When you forget to configure or misconfigure grub on your hdd, you have to manually boot the system by entering a series of commands into the GRUB command line.

After the computer starts, Press C to bring up the GRUB command line. You can either boot the normal kernel, or the LTS kernel we installed; here are the commands for the normal kernel:

grub> cryptomount -a
grub> set root='lvm/matrix-rootvol'
grub> linux /boot/vmlinuz-linux-libre root=/dev/matrix/rootvol cryptdevice=/dev/sda1:root
grub> initrd /boot/initramfs-linux-libre.img
grub> boot

If you're trying to boot the LTS kernel, simply add -lts to the end of each command that contains the kernel (e.g., /boot/vmlinuz-linux-libre would be /boot/vmlinuz/linux-libre-lts).

NOTE: on machines with native sata, during boot a (faulty) optical disc drive (like dvd) can cause the cryptomount -a command to fail/hang, as well as the error AHCI transfer timed out The workaround was to remove the DVD drive.

Follow-Up Tutorial: Configuring Parabola

The next step of the setup process is to modify the configuration file that GRUB uses, so that we don't have to manually type in those commands above, each time we want to boot our system.

To make this process much easier, we need to install a graphical interface, as well as install some other packages that will make the system more user-friendly.
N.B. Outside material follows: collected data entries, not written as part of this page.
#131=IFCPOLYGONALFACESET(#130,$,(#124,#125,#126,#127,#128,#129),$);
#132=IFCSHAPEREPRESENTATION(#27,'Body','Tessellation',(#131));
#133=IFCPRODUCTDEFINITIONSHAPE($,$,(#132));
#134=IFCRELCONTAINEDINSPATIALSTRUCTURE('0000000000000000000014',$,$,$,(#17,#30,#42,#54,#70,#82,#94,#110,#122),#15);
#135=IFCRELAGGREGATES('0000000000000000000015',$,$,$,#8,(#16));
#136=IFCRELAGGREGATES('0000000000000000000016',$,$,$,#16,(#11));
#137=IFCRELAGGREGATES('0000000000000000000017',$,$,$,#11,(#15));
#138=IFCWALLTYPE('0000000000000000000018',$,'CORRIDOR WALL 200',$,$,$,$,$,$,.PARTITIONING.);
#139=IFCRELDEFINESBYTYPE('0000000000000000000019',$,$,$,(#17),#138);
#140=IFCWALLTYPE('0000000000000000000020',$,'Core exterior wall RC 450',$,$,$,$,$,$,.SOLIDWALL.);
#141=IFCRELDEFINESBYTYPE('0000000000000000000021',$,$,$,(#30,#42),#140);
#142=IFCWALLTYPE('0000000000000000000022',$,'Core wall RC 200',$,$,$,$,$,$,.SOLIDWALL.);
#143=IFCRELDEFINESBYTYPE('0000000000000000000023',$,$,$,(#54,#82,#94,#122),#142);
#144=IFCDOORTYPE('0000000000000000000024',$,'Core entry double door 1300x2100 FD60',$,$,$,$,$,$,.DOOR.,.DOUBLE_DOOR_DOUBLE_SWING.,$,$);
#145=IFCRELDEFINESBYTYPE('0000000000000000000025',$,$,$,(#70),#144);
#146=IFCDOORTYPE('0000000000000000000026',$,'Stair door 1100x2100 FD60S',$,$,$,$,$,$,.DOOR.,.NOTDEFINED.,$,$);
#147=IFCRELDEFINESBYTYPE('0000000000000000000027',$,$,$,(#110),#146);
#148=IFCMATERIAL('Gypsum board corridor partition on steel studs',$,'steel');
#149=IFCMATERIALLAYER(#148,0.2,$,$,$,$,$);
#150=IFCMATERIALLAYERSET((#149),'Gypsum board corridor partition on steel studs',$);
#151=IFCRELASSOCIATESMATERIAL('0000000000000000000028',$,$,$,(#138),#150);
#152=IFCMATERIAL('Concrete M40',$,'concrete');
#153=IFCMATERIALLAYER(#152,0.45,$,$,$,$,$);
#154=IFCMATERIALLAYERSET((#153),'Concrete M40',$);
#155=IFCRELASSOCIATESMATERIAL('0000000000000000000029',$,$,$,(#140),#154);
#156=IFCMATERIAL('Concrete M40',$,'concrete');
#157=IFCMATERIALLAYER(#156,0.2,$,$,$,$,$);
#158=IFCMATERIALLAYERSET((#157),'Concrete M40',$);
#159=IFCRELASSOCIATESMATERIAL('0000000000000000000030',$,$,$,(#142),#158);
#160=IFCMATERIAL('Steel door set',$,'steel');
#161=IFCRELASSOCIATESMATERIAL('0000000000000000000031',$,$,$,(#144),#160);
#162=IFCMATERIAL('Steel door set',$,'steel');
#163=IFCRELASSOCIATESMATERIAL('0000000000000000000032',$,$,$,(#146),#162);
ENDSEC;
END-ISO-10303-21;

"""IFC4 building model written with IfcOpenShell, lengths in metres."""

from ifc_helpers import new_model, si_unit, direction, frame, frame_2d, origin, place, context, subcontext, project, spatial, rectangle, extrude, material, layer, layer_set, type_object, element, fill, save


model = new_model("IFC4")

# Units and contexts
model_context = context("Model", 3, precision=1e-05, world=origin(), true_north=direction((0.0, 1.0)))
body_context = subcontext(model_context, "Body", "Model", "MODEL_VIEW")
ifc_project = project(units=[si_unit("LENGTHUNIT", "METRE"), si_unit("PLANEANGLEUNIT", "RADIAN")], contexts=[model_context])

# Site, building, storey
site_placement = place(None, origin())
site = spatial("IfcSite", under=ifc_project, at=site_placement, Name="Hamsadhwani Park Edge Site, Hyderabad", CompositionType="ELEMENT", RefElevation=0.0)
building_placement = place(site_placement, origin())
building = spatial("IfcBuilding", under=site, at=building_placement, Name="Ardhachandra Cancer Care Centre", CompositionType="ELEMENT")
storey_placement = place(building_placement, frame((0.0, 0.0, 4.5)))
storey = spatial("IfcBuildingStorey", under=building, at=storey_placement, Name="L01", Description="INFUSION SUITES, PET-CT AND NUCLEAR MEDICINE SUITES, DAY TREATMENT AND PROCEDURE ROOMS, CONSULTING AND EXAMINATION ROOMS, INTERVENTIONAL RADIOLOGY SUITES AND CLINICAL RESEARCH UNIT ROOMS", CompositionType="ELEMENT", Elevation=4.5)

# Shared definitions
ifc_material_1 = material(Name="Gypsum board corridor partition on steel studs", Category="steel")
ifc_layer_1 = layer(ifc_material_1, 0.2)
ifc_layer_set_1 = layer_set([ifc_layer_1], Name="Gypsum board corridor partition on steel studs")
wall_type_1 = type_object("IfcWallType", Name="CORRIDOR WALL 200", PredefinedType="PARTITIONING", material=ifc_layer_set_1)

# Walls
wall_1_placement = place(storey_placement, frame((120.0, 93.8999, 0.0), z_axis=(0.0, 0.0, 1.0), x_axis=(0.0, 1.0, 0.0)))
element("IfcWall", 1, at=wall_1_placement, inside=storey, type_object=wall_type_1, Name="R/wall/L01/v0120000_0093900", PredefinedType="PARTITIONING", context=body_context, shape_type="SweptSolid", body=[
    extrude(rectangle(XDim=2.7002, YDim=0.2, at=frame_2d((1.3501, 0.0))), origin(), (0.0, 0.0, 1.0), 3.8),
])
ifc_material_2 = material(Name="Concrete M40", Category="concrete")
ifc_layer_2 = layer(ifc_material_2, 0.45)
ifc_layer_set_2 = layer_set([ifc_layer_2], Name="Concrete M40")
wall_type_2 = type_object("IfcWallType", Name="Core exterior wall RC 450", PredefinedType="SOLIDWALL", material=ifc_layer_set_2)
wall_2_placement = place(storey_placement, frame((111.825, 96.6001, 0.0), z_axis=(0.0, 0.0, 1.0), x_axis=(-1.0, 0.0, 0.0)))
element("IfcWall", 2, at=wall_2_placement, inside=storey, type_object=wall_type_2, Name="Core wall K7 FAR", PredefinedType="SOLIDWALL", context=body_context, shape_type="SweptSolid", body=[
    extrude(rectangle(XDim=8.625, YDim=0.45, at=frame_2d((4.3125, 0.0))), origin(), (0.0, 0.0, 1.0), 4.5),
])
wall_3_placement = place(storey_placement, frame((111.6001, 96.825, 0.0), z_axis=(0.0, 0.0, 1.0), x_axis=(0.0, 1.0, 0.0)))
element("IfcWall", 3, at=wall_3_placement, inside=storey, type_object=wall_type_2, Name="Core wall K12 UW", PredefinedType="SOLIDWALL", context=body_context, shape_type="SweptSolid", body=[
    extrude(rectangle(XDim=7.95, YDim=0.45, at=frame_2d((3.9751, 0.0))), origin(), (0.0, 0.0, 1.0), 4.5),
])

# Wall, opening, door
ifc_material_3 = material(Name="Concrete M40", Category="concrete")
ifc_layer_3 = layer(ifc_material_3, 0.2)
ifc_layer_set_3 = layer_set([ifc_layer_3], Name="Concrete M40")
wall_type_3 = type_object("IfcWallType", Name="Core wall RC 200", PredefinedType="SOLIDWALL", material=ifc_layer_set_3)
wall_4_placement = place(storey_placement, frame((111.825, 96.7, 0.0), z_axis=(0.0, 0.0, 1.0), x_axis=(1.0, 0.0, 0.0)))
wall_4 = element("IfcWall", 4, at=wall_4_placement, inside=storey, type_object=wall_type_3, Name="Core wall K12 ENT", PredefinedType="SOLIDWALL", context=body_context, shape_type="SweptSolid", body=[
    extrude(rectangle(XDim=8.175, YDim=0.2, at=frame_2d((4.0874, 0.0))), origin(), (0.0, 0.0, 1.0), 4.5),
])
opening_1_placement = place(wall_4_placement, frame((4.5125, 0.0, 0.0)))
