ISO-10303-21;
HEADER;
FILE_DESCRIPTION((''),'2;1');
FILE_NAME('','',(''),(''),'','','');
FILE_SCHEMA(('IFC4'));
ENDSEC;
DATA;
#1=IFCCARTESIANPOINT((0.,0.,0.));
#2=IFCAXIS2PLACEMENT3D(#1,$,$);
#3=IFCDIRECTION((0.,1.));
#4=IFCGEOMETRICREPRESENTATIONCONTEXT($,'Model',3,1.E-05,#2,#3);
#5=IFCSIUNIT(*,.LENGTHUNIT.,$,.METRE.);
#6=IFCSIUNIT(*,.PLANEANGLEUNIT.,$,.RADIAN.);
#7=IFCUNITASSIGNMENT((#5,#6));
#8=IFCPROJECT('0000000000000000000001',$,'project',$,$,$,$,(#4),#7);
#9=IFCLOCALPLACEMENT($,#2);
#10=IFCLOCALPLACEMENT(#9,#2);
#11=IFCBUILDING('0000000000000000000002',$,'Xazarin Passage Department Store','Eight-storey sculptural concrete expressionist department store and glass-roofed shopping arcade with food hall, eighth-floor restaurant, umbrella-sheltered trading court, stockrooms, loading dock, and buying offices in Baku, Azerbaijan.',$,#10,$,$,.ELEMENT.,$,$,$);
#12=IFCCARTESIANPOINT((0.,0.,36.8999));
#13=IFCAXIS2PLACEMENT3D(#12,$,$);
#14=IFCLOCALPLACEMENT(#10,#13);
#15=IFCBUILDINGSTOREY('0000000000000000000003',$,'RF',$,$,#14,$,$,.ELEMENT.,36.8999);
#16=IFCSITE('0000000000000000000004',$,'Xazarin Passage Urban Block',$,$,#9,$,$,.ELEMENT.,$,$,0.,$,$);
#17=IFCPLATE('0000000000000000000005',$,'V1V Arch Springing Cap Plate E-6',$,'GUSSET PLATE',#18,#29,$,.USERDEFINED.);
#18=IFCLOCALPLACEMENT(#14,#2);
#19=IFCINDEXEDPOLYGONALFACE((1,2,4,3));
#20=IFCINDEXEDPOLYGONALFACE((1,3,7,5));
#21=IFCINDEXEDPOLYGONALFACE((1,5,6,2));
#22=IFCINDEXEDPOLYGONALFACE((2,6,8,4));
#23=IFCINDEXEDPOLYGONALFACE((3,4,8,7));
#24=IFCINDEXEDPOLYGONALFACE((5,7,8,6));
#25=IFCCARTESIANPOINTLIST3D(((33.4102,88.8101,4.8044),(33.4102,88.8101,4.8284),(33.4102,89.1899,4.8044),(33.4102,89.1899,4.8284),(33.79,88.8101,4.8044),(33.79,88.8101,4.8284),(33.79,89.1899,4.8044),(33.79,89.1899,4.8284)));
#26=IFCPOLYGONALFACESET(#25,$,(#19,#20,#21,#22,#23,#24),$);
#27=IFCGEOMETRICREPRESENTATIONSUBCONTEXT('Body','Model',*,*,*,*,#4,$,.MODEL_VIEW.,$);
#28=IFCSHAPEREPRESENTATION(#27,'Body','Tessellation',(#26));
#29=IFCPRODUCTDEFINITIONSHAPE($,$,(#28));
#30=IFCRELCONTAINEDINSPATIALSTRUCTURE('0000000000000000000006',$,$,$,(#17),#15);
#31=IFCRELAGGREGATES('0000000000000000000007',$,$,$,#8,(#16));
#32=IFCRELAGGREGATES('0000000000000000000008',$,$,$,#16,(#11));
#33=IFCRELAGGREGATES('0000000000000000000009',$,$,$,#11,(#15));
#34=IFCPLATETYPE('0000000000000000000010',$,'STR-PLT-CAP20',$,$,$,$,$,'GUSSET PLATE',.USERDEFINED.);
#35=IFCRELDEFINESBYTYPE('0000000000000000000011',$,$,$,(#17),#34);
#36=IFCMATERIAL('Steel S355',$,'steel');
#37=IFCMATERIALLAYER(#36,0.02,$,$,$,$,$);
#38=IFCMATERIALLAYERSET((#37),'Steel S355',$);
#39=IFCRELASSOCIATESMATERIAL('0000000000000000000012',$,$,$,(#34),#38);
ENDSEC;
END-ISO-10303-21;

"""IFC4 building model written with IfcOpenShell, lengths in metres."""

from ifc_helpers import new_model, si_unit, direction, frame, origin, origin_2d, place, context, subcontext, project, spatial, rectangle, extrude, material, layer, layer_set, type_object, element, save


model = new_model("IFC4")

# Units and contexts
model_context = context("Model", 3, precision=1e-05, world=origin(), true_north=direction((0.0, 1.0)))
body_context = subcontext(model_context, "Body", "Model", "MODEL_VIEW")
ifc_project = project(units=[si_unit("LENGTHUNIT", "METRE"), si_unit("PLANEANGLEUNIT", "RADIAN")], contexts=[model_context])

# Site, building, storey
site_placement = place(None, origin())
site = spatial("IfcSite", under=ifc_project, at=site_placement, Name="Xazarin Passage Urban Block", CompositionType="ELEMENT", RefElevation=0.0)
building_placement = place(site_placement, origin())
building = spatial("IfcBuilding", under=site, at=building_placement, Name="Xazarin Passage Department Store", Description="Eight-storey sculptural concrete expressionist department store and glass-roofed shopping arcade with food hall, eighth-floor restaurant, umbrella-sheltered trading court, stockrooms, loading dock, and buying offices in Baku, Azerbaijan.", CompositionType="ELEMENT")
storey_placement = place(building_placement, frame((0.0, 0.0, 36.8999)))
storey = spatial("IfcBuildingStorey", under=building, at=storey_placement, Name="RF", CompositionType="ELEMENT", Elevation=36.8999)

# Shared definitions
ifc_material_1 = material(Name="Steel S355", Category="steel")

# Plate
ifc_layer_1 = layer(ifc_material_1, 0.02)
ifc_layer_set_1 = layer_set([ifc_layer_1], Name="Steel S355")
plate_type_1 = type_object("IfcPlateType", Name="STR-PLT-CAP20", ElementType="GUSSET PLATE", PredefinedType="USERDEFINED", material=ifc_layer_set_1)
for number, where, z_axis, x_axis, name in (
    (1, (33.6001, 89.0, 4.8044), (0.0, 0.0, 1.0), (1.0, 0.0, 0.0), "V1V Arch Springing Cap Plate E-6"),
):
    element("IfcPlate", number, at=place(storey_placement, frame(where, z_axis=z_axis, x_axis=x_axis)), inside=storey, type_object=plate_type_1, Name=name, ObjectType="GUSSET PLATE", PredefinedType="USERDEFINED", context=body_context, shape_type="SweptSolid", body=[
        extrude(rectangle(XDim=0.3799, YDim=0.3799, at=origin_2d()), origin(), (0.0, 0.0, 1.0), 0.0239),
    ])

save(model, "model.ifc")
These additions will also sharply reduce the probability of "bricking" our computer.

Configuring Parabola (Post-Install) provides an example setup, but don't feel as if you must follow it verbatim (of course, you can, if you want to); Parabola is user-centric and very customizable, which means that you have maximum control of the system, and a near-limitless number of options for setting it up. For more information, read The Arch Way (Parabola also follows it).

After setting up the graphical interface, refer to How to Modify GRUB Configuration, for instructions on doing just that, as well as flashing the ROM (if necessary).